Exploration of the selective binding mechanism of GSK3β via molecular modeling and molecular dynamics simulation studies

Abstract

Kinase inhibitor selectivity is a major concern for the design of small-molecule compounds. As a member of serine/threonine protein kinase family, glycogen synthase kinase 3β (GSK3β) is involved in diverse biological processes and abnormal dysregulation of its activity has been associated with several pathologies, including type II diabetes, Alzheimer’s disease, bipolar disorders, and cancers. A small-molecule PF-367 significantly inhibited the GSK3 enzymatic activity over its closest cyclin-dependent kinase 2 (CDK2) with >1000-fold selectivity. However, the PF-367 selectively binding to GSK3β over CDK2 has remained unclear.
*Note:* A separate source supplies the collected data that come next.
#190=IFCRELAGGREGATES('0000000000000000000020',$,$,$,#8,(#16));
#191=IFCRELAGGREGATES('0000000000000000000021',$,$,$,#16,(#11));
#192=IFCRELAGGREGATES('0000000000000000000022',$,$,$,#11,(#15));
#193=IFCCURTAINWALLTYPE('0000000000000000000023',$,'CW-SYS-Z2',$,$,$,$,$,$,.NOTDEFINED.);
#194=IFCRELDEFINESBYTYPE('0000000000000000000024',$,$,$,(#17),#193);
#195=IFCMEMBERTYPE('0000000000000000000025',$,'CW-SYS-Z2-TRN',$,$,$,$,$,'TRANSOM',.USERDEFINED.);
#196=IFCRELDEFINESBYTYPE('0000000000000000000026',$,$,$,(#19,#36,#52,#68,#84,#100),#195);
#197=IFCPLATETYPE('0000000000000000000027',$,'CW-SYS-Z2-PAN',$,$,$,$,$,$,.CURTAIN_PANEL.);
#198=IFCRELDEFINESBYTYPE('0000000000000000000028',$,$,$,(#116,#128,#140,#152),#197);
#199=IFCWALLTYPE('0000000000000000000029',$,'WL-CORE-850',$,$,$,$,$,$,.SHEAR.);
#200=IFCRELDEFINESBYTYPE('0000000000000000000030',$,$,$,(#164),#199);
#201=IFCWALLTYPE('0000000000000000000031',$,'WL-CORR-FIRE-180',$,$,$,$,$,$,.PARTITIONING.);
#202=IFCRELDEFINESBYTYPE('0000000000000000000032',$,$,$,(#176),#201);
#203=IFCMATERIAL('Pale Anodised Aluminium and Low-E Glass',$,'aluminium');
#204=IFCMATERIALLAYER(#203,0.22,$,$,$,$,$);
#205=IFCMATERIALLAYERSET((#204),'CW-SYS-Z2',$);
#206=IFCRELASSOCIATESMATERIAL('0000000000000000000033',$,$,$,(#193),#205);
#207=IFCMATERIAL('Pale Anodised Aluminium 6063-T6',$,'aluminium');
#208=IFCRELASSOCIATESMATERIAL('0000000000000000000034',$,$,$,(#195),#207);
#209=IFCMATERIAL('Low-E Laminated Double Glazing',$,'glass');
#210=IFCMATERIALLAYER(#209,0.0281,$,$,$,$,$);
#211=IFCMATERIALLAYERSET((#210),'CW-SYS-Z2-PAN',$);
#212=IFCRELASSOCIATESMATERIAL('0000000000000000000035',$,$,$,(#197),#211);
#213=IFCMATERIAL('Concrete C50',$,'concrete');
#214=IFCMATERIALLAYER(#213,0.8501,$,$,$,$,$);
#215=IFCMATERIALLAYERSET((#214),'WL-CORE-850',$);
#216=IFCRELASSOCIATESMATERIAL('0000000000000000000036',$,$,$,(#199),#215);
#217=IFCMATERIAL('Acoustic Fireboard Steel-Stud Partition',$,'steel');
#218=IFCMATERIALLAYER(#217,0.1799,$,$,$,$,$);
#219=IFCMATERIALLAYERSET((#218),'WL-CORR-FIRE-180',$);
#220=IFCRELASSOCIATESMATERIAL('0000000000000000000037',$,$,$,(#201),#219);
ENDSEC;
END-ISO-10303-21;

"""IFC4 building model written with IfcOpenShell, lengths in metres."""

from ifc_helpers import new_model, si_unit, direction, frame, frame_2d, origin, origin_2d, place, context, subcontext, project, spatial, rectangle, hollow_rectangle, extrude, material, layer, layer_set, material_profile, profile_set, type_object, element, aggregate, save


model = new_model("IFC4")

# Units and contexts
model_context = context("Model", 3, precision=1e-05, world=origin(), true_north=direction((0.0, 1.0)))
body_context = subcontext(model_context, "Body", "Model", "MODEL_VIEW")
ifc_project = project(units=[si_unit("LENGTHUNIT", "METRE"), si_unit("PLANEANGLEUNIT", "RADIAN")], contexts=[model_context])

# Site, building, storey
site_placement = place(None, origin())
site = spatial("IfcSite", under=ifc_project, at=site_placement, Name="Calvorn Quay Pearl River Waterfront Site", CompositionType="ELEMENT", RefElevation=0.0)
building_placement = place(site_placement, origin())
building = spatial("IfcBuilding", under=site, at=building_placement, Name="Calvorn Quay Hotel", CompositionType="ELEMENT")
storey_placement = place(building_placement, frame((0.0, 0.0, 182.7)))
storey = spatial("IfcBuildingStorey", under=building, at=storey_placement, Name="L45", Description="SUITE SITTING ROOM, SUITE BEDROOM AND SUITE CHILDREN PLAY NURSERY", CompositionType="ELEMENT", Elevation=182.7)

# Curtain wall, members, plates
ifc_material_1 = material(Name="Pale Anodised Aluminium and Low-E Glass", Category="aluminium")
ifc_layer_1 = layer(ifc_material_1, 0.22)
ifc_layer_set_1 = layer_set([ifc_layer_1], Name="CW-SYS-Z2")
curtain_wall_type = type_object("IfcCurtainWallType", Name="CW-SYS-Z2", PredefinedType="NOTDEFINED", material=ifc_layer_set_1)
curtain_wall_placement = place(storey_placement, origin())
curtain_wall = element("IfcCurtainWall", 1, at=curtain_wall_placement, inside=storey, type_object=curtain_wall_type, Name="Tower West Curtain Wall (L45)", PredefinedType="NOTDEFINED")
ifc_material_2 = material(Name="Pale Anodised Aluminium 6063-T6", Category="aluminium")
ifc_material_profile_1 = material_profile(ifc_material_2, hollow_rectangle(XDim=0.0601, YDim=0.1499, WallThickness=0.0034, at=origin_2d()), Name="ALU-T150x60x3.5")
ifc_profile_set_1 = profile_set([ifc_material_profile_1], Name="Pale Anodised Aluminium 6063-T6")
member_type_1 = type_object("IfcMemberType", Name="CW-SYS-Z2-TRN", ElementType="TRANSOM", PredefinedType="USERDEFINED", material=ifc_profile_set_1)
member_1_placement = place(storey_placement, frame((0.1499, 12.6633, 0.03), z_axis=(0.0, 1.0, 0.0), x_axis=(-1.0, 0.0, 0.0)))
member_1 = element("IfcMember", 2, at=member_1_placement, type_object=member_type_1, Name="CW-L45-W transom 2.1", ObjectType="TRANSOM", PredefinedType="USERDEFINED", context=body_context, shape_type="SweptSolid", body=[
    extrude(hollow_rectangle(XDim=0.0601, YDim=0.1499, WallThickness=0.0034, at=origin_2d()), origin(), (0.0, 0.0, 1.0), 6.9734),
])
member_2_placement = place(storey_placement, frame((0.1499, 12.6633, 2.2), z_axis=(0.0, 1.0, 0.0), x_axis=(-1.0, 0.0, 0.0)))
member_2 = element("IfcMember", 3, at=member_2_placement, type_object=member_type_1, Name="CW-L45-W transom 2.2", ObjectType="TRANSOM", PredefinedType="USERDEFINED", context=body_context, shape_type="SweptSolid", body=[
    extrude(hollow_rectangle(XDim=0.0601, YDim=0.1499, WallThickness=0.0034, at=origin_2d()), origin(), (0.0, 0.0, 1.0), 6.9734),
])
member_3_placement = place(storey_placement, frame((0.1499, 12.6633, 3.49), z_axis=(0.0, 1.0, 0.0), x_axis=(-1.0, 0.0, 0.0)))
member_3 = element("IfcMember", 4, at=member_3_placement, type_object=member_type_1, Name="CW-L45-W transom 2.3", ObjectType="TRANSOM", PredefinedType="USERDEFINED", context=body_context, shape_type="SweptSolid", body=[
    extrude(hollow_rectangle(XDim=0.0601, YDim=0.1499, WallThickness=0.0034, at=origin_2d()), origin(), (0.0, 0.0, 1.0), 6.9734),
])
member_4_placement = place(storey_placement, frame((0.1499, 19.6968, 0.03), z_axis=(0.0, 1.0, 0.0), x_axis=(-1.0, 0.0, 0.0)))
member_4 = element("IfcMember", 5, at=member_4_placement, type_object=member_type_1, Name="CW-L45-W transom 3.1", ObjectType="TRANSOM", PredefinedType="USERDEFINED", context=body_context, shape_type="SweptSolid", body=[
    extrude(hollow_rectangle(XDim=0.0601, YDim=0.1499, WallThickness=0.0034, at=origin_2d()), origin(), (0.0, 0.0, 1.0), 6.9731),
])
Here, molecular docking, molecular dynamics (MD) simulations, and molecular mechanics_generalized born/surface area (MM_GBSA) binding free energy calculations, as well as the decomposition of binding free energies were performed to investigate the selective binding mechanism of PF-367 to the ATP-binding site of GSK3β over CDK2. The results revealed that the exposure of the terminal triazole ring of PF-367 into the solvent environment may be responsible for the weak binding complex of CDK2−PF-367, which was further confirmed by the binding free energy calculations and the identified key residues (Phe67, Lys85, Thr138, and Arg141) contributing to the binding interaction. The obtained data can not only decipher the origin of selectivity, but also be used for the design of more potent and selective GSK3β inhibitors.